What Is the Purpose of Malware?

The purpose of malware is to intrude on a machine for a variety of reasons. From theft of financial details, to sensitive corporate or personal information, malware is best avoided, for even if it has no malicious purpose at present, it could well have so at some point in the future.

With the growth in online usage over the last decade, there has also been a rapid increase in the number and types of malware that currently roam in the wild. It is highly likely that one form of malware or another is already present on the machine of anyone reading this article.

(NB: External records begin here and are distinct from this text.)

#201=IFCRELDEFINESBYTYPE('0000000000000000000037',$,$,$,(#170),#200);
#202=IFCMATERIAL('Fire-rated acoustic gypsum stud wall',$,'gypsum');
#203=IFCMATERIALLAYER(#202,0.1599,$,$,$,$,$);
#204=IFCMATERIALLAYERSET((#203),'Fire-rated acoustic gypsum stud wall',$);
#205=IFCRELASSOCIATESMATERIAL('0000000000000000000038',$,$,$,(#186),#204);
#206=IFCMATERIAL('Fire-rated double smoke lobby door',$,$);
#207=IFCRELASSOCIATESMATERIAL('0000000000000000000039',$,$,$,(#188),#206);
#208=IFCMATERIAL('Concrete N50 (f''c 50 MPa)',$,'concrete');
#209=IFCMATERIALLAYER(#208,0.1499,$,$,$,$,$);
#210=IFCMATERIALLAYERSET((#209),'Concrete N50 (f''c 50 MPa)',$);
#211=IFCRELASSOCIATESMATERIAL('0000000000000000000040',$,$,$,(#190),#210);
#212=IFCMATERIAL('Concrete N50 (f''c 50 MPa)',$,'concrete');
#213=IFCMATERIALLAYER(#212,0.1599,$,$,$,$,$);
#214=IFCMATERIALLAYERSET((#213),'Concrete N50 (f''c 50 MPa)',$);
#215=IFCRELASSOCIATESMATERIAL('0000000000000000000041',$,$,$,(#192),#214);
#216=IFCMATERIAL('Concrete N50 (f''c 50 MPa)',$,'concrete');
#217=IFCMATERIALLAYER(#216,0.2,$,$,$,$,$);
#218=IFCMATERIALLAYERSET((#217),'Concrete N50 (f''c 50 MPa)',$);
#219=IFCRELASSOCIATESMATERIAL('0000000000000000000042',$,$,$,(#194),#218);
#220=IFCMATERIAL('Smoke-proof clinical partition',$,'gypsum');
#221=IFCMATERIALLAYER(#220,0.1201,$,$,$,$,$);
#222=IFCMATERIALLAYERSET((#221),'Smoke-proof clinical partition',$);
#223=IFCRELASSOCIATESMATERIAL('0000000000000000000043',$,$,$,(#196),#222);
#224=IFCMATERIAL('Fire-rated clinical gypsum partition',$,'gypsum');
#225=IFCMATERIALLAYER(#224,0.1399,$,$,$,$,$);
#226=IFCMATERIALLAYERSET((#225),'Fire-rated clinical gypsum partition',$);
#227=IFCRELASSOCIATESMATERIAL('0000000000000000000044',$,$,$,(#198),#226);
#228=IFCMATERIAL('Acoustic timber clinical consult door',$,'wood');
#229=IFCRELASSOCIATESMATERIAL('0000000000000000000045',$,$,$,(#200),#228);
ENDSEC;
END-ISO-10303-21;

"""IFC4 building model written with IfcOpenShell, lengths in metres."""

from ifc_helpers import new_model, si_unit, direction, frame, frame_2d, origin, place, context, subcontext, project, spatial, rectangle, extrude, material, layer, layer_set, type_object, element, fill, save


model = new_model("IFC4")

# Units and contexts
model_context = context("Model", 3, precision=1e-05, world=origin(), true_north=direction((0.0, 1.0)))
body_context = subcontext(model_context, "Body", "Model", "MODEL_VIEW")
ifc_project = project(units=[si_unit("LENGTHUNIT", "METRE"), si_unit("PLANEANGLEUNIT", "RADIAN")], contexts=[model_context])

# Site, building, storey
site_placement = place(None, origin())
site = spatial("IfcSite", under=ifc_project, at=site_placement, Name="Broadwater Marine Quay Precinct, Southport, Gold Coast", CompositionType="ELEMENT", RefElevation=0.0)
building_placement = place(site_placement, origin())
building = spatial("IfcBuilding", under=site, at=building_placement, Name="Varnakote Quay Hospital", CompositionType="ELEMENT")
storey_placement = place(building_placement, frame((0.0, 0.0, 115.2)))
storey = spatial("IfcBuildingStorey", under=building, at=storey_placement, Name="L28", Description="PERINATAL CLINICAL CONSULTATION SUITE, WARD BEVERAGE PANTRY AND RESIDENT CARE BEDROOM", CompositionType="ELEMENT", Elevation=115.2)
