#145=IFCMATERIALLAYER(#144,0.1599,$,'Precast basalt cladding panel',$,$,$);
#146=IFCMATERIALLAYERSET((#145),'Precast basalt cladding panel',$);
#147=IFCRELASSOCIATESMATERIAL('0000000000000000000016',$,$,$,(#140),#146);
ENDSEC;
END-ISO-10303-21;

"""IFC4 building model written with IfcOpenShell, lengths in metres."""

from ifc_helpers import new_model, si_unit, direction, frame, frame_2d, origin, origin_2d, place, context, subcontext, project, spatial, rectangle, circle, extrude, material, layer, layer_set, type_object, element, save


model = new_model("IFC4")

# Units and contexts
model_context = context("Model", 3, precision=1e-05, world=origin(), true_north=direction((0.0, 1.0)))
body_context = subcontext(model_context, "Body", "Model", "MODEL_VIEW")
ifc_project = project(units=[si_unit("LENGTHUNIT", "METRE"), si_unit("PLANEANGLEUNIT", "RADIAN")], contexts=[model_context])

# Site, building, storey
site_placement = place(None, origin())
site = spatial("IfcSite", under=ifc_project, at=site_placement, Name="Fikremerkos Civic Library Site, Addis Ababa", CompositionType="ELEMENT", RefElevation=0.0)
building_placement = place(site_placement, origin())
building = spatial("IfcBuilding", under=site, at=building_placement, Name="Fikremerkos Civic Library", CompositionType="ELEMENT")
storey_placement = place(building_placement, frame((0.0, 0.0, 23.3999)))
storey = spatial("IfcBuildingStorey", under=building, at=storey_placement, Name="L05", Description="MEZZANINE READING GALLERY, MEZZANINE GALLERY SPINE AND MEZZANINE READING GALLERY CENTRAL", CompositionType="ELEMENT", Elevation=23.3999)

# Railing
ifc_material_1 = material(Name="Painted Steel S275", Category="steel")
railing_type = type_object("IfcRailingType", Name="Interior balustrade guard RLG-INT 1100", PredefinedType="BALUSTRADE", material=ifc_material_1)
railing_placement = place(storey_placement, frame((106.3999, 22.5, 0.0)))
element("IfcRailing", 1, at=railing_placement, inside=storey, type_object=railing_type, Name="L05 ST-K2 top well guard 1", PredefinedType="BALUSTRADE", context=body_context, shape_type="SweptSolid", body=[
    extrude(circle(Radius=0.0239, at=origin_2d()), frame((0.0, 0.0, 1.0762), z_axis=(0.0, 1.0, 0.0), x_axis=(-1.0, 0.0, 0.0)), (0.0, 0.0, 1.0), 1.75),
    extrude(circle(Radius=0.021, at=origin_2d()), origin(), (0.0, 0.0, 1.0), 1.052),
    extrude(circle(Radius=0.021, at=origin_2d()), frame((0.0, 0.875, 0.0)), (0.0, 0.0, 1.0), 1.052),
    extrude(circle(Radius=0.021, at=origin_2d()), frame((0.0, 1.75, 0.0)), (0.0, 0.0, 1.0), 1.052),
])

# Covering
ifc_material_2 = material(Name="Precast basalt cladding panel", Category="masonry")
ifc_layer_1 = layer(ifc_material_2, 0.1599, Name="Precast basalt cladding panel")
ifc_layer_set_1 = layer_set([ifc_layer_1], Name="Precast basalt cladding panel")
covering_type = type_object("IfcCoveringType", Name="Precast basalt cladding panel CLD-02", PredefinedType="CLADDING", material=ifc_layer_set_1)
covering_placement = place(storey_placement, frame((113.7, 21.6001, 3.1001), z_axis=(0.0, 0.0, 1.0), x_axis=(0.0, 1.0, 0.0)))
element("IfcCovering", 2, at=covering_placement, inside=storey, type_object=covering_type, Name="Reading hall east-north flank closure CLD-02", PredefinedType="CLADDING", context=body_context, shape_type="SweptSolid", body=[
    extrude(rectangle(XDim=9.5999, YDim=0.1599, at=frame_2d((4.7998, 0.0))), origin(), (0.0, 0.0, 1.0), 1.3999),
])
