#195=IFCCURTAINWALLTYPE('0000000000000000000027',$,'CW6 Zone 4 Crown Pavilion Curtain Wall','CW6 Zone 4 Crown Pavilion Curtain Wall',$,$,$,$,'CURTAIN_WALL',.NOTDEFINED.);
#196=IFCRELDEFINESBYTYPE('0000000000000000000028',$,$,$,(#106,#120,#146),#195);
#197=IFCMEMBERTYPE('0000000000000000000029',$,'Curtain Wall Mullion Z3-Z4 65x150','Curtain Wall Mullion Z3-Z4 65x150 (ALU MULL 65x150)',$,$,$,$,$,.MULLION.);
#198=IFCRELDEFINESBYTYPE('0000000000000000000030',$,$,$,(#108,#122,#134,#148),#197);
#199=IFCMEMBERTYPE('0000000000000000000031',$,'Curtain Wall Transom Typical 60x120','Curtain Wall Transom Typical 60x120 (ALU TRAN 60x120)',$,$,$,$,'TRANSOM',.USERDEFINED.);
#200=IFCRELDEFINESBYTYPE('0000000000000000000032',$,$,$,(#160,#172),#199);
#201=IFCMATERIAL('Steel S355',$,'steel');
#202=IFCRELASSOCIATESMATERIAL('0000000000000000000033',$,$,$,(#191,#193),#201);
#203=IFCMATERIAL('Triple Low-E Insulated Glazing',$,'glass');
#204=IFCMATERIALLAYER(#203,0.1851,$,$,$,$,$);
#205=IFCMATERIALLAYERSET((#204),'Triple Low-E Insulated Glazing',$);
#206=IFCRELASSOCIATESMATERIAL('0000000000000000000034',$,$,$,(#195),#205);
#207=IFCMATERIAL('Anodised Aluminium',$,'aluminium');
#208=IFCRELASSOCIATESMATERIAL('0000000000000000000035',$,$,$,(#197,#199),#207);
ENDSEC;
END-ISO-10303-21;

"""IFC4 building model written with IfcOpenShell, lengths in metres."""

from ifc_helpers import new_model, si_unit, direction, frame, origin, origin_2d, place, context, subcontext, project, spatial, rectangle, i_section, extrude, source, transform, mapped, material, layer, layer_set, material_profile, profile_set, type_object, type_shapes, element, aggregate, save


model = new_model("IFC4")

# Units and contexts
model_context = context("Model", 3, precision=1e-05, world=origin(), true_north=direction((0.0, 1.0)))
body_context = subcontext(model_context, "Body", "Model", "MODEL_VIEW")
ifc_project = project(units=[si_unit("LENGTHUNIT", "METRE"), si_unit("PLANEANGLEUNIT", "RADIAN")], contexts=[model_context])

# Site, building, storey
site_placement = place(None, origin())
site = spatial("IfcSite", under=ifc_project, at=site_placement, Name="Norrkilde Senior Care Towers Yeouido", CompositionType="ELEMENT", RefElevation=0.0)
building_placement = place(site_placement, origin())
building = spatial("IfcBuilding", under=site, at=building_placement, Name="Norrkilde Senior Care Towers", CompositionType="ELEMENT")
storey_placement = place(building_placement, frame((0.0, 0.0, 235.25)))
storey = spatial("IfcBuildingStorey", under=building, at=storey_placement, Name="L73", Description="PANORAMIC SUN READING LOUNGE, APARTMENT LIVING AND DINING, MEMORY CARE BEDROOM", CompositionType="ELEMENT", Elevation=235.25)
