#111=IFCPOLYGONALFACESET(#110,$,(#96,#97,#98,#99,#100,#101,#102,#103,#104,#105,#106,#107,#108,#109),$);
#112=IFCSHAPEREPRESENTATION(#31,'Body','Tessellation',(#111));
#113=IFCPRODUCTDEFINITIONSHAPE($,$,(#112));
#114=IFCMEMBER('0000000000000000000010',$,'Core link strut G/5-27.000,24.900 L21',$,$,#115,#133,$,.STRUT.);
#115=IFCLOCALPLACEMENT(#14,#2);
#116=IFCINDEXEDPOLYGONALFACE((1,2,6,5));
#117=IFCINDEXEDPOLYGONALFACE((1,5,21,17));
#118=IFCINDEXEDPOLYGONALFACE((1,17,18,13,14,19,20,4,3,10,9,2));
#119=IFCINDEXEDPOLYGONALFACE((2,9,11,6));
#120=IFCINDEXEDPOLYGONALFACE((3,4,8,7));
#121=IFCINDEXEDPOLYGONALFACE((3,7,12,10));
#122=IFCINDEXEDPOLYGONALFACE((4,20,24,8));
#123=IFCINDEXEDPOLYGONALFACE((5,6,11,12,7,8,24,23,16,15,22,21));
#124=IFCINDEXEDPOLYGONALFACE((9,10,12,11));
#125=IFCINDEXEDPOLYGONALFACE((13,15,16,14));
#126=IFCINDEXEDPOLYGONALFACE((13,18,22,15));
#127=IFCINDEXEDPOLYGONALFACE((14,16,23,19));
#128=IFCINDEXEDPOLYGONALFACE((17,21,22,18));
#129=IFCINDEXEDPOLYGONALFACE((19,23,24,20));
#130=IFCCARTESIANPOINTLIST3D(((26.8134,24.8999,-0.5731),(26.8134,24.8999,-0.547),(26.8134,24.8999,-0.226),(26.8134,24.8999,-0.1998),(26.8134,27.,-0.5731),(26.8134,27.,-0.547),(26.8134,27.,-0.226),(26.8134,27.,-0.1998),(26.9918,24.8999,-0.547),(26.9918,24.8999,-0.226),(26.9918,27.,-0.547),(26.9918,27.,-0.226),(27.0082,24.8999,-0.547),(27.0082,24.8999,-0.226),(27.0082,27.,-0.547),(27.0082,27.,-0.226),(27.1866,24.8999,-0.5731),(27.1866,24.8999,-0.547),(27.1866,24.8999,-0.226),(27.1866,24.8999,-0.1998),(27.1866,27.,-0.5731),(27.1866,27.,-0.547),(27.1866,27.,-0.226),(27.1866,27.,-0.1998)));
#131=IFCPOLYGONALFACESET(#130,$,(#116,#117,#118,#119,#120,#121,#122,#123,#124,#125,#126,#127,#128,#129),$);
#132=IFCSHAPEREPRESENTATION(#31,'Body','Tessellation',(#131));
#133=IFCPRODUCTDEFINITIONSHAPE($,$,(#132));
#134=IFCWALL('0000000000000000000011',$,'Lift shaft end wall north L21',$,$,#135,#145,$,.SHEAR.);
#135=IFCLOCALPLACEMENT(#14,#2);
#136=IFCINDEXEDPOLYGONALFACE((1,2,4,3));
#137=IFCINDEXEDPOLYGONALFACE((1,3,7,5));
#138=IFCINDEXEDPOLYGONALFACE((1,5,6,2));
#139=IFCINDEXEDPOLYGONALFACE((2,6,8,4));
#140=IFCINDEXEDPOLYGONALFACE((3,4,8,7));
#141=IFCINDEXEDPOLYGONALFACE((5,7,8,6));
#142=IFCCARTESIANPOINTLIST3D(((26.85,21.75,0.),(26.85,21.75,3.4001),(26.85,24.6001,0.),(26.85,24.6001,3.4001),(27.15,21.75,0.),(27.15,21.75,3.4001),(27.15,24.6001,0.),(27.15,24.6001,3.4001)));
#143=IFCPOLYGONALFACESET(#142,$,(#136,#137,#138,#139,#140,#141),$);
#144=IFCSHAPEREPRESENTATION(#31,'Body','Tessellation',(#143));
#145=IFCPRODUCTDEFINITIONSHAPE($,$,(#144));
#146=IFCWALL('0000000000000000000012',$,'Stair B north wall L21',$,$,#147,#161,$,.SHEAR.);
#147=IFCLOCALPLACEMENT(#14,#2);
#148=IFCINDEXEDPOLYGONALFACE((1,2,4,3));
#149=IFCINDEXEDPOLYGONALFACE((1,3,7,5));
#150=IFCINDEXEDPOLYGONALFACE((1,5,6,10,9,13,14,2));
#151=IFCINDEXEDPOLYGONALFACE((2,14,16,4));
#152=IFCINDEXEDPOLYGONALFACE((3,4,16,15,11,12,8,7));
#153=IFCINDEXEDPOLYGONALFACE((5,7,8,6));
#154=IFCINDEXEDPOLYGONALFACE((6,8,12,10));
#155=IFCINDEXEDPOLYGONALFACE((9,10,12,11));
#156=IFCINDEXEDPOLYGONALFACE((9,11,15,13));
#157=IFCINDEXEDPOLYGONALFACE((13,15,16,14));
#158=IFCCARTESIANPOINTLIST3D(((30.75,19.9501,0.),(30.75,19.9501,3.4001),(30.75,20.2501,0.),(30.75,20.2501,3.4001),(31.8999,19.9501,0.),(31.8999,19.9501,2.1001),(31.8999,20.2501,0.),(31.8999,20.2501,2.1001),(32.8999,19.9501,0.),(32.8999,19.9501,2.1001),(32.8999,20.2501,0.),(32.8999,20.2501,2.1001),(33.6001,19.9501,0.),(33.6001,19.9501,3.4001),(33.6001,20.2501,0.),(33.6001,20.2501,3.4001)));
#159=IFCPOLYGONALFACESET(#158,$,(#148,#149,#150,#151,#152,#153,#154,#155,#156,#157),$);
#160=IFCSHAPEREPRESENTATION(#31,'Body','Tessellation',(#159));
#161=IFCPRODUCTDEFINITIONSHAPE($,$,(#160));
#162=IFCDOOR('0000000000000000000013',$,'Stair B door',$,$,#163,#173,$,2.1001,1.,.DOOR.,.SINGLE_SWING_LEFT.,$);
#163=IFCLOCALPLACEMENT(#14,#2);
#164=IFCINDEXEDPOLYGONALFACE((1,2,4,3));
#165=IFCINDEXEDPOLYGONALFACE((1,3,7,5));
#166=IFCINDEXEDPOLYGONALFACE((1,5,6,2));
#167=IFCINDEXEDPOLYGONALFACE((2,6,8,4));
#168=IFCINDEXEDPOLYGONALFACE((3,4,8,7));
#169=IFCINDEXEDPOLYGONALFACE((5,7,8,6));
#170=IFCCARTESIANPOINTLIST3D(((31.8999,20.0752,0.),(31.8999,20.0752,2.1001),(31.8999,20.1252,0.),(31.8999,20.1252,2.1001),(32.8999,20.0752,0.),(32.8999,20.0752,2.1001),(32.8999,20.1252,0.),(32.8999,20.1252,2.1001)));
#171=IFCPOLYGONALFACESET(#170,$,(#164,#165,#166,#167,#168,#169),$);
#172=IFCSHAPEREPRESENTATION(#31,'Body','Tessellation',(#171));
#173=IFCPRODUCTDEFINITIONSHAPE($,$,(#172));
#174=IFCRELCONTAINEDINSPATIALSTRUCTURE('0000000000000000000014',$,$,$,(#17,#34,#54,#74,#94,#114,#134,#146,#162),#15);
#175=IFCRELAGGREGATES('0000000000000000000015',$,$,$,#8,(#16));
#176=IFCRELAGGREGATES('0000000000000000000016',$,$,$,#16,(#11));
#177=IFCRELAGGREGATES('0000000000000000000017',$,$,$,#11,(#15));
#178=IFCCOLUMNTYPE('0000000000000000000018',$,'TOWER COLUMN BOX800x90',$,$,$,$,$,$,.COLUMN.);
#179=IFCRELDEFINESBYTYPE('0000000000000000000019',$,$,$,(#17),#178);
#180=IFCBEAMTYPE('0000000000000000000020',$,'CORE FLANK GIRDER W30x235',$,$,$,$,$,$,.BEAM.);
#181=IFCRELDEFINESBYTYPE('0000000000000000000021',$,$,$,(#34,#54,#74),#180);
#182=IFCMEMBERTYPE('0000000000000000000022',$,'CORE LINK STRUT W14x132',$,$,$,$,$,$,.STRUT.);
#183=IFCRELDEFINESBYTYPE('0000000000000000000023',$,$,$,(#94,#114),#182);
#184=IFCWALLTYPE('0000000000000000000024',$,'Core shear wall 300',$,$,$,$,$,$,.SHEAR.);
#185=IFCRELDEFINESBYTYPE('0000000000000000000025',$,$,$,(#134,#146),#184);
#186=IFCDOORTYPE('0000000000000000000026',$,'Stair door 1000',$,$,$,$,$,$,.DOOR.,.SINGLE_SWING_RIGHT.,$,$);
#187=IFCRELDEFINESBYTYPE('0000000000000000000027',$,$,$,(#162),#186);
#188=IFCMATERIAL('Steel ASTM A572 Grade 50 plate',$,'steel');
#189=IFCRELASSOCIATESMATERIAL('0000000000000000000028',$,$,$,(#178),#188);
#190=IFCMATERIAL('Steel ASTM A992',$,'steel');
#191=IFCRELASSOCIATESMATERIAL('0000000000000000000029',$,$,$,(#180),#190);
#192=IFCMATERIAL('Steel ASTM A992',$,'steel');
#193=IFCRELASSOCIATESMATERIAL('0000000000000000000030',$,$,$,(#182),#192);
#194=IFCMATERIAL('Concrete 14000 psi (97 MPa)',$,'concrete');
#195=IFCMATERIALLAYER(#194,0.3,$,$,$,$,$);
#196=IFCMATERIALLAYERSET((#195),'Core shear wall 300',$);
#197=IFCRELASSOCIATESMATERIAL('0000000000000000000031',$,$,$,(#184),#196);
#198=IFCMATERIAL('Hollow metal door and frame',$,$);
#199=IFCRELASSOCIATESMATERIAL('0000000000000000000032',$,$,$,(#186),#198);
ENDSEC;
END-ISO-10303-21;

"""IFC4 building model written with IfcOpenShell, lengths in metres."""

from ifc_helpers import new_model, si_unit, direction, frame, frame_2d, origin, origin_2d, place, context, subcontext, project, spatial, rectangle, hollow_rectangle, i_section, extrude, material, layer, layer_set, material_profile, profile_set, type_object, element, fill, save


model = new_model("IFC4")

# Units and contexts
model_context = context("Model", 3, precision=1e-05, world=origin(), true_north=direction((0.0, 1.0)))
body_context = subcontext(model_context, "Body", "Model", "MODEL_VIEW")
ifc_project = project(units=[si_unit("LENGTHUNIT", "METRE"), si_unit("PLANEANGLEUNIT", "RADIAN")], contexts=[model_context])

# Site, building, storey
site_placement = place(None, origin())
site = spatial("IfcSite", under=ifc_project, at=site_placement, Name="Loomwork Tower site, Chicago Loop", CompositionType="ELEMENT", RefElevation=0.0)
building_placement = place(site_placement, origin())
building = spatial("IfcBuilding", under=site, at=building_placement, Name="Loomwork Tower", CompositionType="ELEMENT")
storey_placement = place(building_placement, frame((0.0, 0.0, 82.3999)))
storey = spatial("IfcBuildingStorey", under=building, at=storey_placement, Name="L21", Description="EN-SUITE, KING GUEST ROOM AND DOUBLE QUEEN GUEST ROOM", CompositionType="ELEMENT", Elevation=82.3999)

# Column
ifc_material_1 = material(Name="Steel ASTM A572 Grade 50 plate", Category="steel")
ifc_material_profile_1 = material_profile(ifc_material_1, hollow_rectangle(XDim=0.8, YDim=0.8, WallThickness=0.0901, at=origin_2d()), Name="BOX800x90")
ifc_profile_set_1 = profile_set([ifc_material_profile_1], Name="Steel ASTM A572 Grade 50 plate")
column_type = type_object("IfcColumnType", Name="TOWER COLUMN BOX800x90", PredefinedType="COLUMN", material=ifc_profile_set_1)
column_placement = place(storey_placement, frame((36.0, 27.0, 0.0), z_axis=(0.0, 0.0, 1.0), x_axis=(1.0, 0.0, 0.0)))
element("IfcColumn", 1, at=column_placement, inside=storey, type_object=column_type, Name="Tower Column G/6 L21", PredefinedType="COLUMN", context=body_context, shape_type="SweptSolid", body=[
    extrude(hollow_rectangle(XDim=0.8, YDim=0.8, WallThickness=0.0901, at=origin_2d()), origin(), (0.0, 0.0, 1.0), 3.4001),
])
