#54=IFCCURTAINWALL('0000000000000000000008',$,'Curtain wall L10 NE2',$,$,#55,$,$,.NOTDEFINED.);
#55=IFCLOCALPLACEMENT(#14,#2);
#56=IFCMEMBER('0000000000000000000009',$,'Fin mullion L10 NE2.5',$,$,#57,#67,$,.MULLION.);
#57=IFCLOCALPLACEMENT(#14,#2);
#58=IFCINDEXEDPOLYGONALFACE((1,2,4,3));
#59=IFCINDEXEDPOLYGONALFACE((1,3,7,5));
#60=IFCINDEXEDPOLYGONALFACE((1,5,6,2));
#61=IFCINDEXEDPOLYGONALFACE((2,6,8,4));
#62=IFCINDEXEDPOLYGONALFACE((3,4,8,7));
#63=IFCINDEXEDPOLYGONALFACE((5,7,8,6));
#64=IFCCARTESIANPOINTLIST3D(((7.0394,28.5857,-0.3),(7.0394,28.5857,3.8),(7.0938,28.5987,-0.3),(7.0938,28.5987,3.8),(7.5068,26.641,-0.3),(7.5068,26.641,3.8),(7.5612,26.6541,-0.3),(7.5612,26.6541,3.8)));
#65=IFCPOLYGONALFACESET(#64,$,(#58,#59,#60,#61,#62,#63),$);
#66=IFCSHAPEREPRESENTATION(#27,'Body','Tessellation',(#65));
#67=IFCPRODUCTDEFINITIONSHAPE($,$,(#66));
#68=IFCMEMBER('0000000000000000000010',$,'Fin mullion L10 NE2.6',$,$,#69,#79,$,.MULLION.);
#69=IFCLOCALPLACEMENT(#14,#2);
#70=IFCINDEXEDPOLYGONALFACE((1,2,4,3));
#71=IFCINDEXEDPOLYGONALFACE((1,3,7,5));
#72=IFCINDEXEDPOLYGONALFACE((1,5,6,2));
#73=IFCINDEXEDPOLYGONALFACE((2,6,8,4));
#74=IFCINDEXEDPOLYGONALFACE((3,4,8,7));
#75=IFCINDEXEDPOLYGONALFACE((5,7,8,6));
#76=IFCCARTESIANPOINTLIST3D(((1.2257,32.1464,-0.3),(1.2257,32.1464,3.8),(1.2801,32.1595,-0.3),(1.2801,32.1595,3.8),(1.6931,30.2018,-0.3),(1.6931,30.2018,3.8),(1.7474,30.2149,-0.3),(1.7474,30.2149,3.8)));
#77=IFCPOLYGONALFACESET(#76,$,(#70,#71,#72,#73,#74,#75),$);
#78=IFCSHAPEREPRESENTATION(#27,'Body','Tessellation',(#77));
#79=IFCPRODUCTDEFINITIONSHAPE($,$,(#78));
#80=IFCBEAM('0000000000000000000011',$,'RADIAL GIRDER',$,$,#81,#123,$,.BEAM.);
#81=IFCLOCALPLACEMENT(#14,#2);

Of course, not all malware is as aggressive or intrusive as others, though it is generally good practice to have a secure anti-malware solution in place to protect a computer or computer network.

Types of Malware

Malware can be designed to achieve a variety of goals in various ways. Some of the most common types of malware include:

  • Adware: Adware is malware designed to serve unwanted advertisements to users. Since advertisers often pay for each view or click on their advertisements, serving this content to users allows them to earn revenue from their attacks.
  • Botnet Malware: Botnets are collections of infected computers that are used to perform Distributed Denial of Service (DDoS), password stuffing, and other automated attacks. Botnet malware is designed to infect a computer and force it to do the attacker’s bidding.
  • Cryptomining Malware: Some cryptocurrencies pay “miners” to perform computationally-expensive operations as part of their consensus algorithms. Cryptomining malware uses infected computers to perform these calculations for the attacker’s benefit, providing them with additional revenue and control over the blockchain.
  • Fileless Malware: Some cybersecurity solutions are designed to identify malicious files saved on a computer. Fileless malware is designed to evade these file-focused defenses by running solely in memory without writing any data to the filesystem.
  • Infostealers: Infostealer malware is designed to collect and exfiltrate sensitive information from an infected computer. This includes everything from an account password to large databases containing sensitive information.
  • Mobile Malware: Mobile device usage has grown dramatically due to the rise of remote work and bring your own device (BYOD) policies. Mobile malware is designed to target smartphones, tablets, and other mobile devices.
  • Ransomware: Ransomware encrypts files stored on an infected computer, rendering them inaccessible to their owners. The attacker then demands a ransom payment in exchange for the secret key that can be used to restore access to these files.
  • Rootkits: Rootkits are designed to hide the presence of malware on a system. This can include hiding files, network connections, running processes, and other signs of an infection.
  • Trojans: Trojan malware is designed to look like something legitimate and desirable. For example, a “free” version of paid software may actually be malware.
  • Viruses: Viruses are malware designed to infect other programs on a computer. By doing so, they make themselves more difficult to detect and remove from a system.
  • Wipers: Wiper malware will encrypt or delete important or valuable files on a computer. By doing so, they cause damage to the target and disrupt its operations.
  • Worms: Worms are malware that can spread themselves to new systems without human interaction. This can be accomplished by exploiting vulnerabilities, sending malicious emails, and similar means.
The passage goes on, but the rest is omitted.